Once completed, the terminal will allow products to be shipped by rail to the facility in McKees Rocks, Pennsylvania, then transferred to trucks for transport to their final destination.
The facility is “perfectly positioned to support the flow of goods from East Coast ports into the consumption centers of the Ohio Valley and Midwest,” Melanie Cost, spokeswoman for CSX, wrote in an e-mail.
CSX has said it is trying to lure customers to consider including rail in their shipping strategies. It is also hoping to take advantage of an expected increase in shipments arriving from East Coast ports, thanks to an expanded Panama Canal, a decade-long project completed this past summer.
“If you take out the coal business ... and we look at the rest of the portfolio, our merchandise and intermodal business, we feel pretty good based on the economic indicators we’re seeing right now,” said Fredrik Eliasson, CSX’s chief sales and marketing officer, during an earnings call in October.
Rail executives painted a universally dim picture for coal, once a prized commodity on the railroads.
Coal revenue at Norfolk Southern, which is based in Virginia, dropped 18% from the same quarter a year ago. Shipments of coal dropped by 12% at Genesee & Wyoming, a Connecticut-based short line operator with four lines in Pennsylvania that once saw a boost from moving both coal and frack sand for natural-gas drilling.
Norfolk Southern has responded with cost-cutting initiatives, such as closing difficult-to-operate lines in the coal fields and rerouting trains onto the main line — and even slowing down trains on existing lines to reduce the need for maintenance.
Analysts have praised CSX’s ability to diversify its operations. In the third quarter, about 17% of CSX’s total revenue came from coal shipments. That’s down from 32% of revenue for the full year 2011.
Brian Ossenbeck, a freight transportation analyst for J.P. Morgan, wrote last month that CSX “is positioned to grow in its largest end market of intermodal, where a combination of new hub construction and road-to-rail conversion bode well for longer-term volumes.”
The terminal could also help attract more business locally.
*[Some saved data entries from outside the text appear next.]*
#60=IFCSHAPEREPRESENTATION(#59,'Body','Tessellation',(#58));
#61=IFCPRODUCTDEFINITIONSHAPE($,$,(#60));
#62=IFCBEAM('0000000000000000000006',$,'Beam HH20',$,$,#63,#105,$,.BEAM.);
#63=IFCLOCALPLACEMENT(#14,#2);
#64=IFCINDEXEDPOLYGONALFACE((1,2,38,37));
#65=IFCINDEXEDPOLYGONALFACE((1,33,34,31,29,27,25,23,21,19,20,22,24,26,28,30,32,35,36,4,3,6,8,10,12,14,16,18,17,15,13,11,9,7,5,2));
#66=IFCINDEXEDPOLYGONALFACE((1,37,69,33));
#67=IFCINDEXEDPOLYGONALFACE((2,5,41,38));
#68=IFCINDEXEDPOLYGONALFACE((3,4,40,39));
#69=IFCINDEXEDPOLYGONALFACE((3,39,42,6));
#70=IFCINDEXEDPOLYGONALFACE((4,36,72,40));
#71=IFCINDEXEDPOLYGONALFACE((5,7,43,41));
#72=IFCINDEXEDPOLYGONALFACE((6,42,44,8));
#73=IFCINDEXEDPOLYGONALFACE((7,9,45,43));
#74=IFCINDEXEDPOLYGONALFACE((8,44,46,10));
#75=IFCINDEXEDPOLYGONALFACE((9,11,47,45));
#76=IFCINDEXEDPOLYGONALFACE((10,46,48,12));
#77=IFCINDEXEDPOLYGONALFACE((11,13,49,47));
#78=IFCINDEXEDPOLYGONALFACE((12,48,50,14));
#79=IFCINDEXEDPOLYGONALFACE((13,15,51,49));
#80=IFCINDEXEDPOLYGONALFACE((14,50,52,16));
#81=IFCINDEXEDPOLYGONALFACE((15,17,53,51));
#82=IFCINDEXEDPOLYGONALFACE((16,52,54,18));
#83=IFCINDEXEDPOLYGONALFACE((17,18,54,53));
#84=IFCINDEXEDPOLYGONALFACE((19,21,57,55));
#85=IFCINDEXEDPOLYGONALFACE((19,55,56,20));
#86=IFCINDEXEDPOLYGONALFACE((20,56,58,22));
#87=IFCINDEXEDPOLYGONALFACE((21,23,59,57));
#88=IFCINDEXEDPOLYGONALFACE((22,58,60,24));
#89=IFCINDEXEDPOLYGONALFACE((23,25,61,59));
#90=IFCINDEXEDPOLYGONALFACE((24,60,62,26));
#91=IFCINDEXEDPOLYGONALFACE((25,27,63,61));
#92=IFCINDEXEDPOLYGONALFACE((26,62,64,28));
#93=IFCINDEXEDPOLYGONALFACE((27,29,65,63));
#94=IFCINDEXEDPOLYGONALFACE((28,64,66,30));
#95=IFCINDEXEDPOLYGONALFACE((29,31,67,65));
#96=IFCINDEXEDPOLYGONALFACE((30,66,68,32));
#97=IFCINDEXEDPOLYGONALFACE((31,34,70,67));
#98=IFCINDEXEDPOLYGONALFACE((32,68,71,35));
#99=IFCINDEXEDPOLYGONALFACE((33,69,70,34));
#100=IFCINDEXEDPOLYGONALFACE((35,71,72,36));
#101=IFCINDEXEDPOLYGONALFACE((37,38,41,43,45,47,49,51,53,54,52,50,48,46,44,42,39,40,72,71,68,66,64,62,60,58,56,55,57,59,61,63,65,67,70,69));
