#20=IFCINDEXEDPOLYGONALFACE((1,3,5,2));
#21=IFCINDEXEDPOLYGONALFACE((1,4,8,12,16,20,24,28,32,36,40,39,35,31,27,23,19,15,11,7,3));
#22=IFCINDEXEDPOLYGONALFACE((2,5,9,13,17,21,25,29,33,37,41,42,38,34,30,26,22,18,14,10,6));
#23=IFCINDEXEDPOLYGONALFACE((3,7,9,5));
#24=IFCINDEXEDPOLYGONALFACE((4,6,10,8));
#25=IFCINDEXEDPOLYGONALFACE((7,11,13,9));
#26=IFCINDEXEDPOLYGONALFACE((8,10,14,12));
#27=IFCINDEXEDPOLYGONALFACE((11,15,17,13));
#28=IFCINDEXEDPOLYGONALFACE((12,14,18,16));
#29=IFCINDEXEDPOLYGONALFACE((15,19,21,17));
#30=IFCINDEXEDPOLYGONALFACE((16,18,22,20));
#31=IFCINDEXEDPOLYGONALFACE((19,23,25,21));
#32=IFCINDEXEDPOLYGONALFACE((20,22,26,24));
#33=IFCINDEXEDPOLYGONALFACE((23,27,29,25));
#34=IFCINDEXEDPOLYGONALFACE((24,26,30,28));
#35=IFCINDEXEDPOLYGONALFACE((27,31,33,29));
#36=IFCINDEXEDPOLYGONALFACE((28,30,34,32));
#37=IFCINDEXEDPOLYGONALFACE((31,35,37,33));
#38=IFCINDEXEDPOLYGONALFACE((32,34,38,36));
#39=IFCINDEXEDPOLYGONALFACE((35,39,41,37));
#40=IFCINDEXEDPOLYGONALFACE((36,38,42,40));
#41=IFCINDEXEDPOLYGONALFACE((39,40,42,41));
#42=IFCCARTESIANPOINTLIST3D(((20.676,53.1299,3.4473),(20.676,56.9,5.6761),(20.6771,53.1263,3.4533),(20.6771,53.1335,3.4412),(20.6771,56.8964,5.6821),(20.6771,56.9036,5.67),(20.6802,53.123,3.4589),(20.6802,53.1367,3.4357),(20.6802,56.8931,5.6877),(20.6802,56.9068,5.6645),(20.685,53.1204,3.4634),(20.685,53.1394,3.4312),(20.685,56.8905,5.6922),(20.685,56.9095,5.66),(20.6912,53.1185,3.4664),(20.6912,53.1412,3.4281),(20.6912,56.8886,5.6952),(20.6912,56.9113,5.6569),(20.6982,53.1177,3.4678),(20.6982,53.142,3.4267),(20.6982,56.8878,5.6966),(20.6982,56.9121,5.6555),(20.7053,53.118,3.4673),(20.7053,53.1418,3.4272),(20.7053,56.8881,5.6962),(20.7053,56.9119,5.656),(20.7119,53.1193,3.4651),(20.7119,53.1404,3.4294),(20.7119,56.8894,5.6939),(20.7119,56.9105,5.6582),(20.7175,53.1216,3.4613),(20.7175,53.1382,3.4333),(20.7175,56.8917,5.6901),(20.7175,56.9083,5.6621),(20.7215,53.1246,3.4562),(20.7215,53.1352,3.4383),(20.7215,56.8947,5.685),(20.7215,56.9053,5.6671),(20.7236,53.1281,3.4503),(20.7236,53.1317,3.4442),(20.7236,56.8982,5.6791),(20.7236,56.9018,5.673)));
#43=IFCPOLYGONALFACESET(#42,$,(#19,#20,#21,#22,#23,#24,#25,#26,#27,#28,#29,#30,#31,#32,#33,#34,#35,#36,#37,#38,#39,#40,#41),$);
Next to the facility, commercial real estate broker CBRE Group Inc. is marketing about 700,000 square feet of building space, spread across multiple buildings, which could be used for warehousing, distribution and offices.
R.T. Walker, a vice president at the company’s Pittsburgh office, said, “We’ve had quite a bit of early interest” in the property, driven in part by future traffic related to Royal Dutch Shell’s planned ethane cracker plant in Beaver County. “We have had numerous tours and meetings with possible users related to the cracker plant,” Walker said.
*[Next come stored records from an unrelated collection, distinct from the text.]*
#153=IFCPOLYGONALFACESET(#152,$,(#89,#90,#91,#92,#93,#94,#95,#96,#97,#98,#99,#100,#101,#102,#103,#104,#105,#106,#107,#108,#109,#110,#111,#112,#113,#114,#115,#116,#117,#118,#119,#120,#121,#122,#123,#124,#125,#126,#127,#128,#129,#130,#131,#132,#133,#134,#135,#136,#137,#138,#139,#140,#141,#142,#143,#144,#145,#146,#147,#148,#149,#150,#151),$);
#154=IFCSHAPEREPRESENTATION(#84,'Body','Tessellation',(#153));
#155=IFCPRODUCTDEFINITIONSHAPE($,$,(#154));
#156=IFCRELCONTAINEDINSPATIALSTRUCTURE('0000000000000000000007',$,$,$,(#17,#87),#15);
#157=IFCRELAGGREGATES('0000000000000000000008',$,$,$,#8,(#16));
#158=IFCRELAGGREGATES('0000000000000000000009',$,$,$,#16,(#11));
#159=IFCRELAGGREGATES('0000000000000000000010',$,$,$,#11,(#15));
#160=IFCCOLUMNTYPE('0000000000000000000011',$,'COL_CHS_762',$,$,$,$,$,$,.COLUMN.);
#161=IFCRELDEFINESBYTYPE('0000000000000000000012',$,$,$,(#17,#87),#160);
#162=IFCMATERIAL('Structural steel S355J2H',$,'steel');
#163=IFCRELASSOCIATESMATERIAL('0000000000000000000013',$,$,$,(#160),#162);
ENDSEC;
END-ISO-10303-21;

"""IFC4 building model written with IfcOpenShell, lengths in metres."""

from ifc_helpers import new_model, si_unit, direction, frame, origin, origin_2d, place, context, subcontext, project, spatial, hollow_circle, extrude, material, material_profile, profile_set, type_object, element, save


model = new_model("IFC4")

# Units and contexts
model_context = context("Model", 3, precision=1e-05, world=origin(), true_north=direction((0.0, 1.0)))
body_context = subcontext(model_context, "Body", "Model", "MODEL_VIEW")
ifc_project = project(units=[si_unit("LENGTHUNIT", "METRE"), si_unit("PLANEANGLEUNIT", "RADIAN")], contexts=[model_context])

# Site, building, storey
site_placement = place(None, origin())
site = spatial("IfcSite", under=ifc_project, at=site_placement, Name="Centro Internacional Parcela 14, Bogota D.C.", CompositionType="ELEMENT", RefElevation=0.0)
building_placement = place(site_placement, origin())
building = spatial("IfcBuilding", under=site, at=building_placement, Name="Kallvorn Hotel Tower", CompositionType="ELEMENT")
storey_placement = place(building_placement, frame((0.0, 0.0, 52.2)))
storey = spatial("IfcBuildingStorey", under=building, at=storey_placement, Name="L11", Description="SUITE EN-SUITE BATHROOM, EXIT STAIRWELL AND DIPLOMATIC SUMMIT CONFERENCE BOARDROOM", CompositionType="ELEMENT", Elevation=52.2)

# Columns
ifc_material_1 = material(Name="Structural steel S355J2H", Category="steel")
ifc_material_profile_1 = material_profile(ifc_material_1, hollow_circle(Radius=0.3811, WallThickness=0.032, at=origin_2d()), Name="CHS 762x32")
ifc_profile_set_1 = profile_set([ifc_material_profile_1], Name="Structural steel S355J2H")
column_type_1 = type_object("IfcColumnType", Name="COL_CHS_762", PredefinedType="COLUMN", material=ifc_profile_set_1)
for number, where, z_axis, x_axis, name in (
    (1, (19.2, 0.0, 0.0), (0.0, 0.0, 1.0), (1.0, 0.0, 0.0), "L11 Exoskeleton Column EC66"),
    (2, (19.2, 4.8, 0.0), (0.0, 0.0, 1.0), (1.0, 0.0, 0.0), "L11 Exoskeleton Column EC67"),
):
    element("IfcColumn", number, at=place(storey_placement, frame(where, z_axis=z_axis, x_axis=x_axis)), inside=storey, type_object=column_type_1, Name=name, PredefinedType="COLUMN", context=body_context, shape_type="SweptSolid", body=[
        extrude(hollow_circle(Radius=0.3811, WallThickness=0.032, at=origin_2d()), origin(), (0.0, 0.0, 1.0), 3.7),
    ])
Though the terminal will have a wide range of customers, CSX and other regional railroads hope to harness the movement of supplies and products when the cracker plant is being built and when it is operational.
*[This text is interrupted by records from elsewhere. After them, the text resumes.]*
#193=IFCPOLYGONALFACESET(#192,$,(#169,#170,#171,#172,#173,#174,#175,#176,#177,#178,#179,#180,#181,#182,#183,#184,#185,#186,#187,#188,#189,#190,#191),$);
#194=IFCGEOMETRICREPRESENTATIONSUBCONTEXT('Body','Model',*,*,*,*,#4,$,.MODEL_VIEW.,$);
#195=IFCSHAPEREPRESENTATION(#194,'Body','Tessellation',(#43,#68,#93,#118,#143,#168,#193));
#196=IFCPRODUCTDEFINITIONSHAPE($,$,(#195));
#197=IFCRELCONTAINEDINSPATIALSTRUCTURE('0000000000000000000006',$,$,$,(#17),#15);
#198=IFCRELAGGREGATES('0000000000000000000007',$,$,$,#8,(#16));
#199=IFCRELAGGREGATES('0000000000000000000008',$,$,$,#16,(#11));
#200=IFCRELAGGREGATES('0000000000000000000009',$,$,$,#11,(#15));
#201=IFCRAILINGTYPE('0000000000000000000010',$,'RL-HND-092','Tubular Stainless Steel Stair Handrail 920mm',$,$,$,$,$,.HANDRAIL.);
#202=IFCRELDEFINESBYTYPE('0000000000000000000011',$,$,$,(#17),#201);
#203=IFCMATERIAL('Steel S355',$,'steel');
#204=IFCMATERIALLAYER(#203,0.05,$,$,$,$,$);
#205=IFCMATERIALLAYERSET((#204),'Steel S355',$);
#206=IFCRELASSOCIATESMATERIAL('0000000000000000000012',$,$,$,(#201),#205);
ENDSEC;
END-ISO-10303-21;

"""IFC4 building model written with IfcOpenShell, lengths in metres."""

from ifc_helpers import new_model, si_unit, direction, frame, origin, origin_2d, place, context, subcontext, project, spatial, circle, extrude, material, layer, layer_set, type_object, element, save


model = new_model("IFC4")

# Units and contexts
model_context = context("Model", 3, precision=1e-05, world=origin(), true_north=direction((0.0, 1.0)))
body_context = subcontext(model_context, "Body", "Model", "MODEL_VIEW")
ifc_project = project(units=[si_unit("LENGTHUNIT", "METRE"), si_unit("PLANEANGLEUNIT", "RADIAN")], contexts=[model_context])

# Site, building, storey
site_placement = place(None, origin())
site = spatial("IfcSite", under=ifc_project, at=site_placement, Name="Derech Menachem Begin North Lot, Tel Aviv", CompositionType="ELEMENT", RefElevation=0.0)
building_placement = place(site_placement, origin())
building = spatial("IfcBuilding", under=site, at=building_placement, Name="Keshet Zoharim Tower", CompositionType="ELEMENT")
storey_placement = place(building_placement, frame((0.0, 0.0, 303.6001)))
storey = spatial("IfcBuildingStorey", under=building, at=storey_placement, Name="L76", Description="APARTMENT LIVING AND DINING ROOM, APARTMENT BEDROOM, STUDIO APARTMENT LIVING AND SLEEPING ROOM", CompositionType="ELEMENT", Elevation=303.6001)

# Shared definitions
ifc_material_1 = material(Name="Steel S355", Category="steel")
“We hope that the economics of freight rail make it the preferred transportation mode for many of the petrochemical customers likely to set up shop in the Pittsburgh region,” said Ryan Fischer, assistant vice president of industrial development for Genesee & Wyoming, which will service the adjacent CBRE property.
“In turn, a growing cluster of companies centered around the Shell cracker could be a real shot in the arm for the local railroads,” he added.
Next year, the carriers plan to pare steep coal losses. CSX expects coal going to power plants to increase by about 2 percent in the fourth quarter, compared with the year-ago quarter.
Ossenback’s report notes that, in 2017, coal production is expected to be up about 10% in areas that CSX services.
“Coal remains a question, but not a four-letter word,” he wrote.